С этого дня я никогда не видел Фолькера неодетым. Для окружающих он свое тело упразднил. Понятно: он стыдился того, что больше не соответствует собственным представлениям о мужской красоте. Боялся, как бы над ним не стали смеяться или, наоборот, жалеть. Такое решение, казалось мне, повлекло за собой крайне важные следствия: отныне Фолькер исключил из своей жизни (насколько я мог судить) все взлеты, колебания, поражения, связанные с обычным эросом. Но подобно тому, как из-за нужды возросло его внутреннее достоинство, так же и тело, открывшее свою уязвимость, в каком-то другом смысле укрепилось: ранимое и бренное, оно стало тем более ценным.

От любых форм нежности — объятий, прикосновений — мой спутник жизни все решительней уклонялся.

Если я хотел… ну да, показать свою любовь, мне нужно было застать человека, который и сам меня любил, врасплох: неожиданно прижать его к себе, поцеловать высунувшуюся из-под одеяла стопу, опуститься на ковер и положить голову ему на колени.
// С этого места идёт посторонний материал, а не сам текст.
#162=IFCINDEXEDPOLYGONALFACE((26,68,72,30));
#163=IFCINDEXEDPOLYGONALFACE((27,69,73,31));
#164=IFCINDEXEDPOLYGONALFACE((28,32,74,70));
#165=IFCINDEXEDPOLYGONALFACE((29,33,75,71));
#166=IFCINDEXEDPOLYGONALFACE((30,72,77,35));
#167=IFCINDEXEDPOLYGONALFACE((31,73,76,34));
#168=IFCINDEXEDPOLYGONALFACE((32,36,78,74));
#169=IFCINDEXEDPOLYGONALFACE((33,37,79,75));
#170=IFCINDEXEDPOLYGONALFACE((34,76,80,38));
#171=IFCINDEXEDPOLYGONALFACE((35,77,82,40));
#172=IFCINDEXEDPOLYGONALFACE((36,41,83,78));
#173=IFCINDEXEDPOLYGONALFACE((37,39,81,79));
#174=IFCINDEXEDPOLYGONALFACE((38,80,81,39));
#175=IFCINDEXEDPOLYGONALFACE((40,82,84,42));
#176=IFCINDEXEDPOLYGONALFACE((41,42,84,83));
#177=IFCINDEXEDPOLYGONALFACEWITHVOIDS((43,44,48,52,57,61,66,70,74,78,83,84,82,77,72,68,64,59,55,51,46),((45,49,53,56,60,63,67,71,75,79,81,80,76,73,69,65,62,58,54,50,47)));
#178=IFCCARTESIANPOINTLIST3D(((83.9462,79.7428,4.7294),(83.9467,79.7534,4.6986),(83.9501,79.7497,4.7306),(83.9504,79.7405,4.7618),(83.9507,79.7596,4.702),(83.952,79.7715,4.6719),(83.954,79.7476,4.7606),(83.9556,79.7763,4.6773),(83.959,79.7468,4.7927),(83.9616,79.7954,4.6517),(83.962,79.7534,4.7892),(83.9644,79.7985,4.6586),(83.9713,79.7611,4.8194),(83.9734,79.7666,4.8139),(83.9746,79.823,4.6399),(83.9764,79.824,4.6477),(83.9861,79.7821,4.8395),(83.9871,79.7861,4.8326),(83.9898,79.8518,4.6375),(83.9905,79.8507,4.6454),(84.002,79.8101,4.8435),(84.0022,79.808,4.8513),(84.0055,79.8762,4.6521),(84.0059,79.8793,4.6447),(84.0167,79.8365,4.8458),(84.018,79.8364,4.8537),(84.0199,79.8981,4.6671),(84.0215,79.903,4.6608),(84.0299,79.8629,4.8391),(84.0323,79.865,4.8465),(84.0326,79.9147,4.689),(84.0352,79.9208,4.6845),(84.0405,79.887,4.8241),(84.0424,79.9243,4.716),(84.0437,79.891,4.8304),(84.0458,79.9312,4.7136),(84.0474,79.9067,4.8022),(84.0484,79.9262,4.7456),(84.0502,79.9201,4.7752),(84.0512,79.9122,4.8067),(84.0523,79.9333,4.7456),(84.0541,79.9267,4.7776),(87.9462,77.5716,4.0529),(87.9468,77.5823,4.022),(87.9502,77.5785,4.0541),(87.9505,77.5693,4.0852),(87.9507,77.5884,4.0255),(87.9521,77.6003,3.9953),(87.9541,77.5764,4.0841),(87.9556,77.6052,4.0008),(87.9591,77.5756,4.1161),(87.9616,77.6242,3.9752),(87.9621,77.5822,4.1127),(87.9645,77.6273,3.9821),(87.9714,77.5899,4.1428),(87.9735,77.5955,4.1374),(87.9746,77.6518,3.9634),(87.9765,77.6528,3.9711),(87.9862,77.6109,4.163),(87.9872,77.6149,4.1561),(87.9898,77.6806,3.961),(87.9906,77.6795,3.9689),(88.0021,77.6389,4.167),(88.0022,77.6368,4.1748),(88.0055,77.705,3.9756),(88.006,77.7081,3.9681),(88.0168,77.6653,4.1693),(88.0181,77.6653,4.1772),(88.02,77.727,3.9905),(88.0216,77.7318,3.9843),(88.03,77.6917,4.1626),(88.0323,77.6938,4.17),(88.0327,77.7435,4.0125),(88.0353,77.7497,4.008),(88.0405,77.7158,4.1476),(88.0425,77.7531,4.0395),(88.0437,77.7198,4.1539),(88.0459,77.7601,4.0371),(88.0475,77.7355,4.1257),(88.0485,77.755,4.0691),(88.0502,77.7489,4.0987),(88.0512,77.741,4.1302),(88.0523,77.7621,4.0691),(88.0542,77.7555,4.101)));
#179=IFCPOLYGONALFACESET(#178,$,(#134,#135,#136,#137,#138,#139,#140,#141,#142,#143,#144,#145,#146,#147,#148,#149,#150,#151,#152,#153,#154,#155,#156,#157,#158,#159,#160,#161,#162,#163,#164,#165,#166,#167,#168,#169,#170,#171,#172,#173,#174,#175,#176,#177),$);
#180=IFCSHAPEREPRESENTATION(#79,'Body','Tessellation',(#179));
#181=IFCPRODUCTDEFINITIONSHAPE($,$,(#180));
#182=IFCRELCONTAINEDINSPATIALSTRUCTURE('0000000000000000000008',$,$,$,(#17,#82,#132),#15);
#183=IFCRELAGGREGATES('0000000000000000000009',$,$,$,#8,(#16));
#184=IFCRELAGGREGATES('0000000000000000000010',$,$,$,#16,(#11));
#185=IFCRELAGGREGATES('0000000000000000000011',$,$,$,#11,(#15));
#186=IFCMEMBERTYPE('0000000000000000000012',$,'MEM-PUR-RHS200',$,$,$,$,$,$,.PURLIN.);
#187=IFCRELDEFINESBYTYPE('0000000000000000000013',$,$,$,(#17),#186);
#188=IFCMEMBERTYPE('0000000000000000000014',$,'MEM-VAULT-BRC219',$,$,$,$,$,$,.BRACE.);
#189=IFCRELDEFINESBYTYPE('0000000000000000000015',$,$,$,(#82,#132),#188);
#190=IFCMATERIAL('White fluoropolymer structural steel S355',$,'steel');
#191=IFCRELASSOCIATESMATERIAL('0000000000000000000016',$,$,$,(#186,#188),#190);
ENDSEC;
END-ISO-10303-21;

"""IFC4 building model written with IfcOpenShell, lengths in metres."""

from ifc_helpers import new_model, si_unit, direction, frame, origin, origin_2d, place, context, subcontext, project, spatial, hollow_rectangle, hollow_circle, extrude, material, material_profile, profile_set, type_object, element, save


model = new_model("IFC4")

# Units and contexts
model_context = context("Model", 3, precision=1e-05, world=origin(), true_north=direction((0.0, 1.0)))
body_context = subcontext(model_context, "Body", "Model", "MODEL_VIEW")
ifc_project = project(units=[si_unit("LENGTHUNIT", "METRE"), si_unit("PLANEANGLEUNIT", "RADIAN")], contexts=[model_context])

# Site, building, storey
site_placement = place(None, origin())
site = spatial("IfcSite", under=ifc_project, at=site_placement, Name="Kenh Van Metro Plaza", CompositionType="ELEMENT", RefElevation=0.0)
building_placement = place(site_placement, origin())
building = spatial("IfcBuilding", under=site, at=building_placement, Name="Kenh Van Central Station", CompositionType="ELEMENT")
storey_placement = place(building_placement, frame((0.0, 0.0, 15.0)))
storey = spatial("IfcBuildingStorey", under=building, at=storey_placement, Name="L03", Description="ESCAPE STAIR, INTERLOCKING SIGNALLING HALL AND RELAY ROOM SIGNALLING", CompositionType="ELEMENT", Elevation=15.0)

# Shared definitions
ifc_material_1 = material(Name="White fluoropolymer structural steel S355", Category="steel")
Ситуация, не лишенная комизма.

— Поцелуй мне хотя бы руку, Фолькер.

— Нет!

— Ты, Фолькер, чудовище.

— Да.

Фолькер, который все больше походил на монаха и изобрел для себя какую-то новую сущность, обходным путем — через телесную слабость — наращивал внутреннюю силу. Его постоянное присутствие рядом со мной, его непреклонность заняли место прежних непредсказуемых эскапад. Но в целом можно сказать (если продолжить цепочку таких сравнений), что его квартира превратилась в подобие Эскориала: места, откуда безумный Филипп Испанский[193] правил своей переживающей трудные времена империей.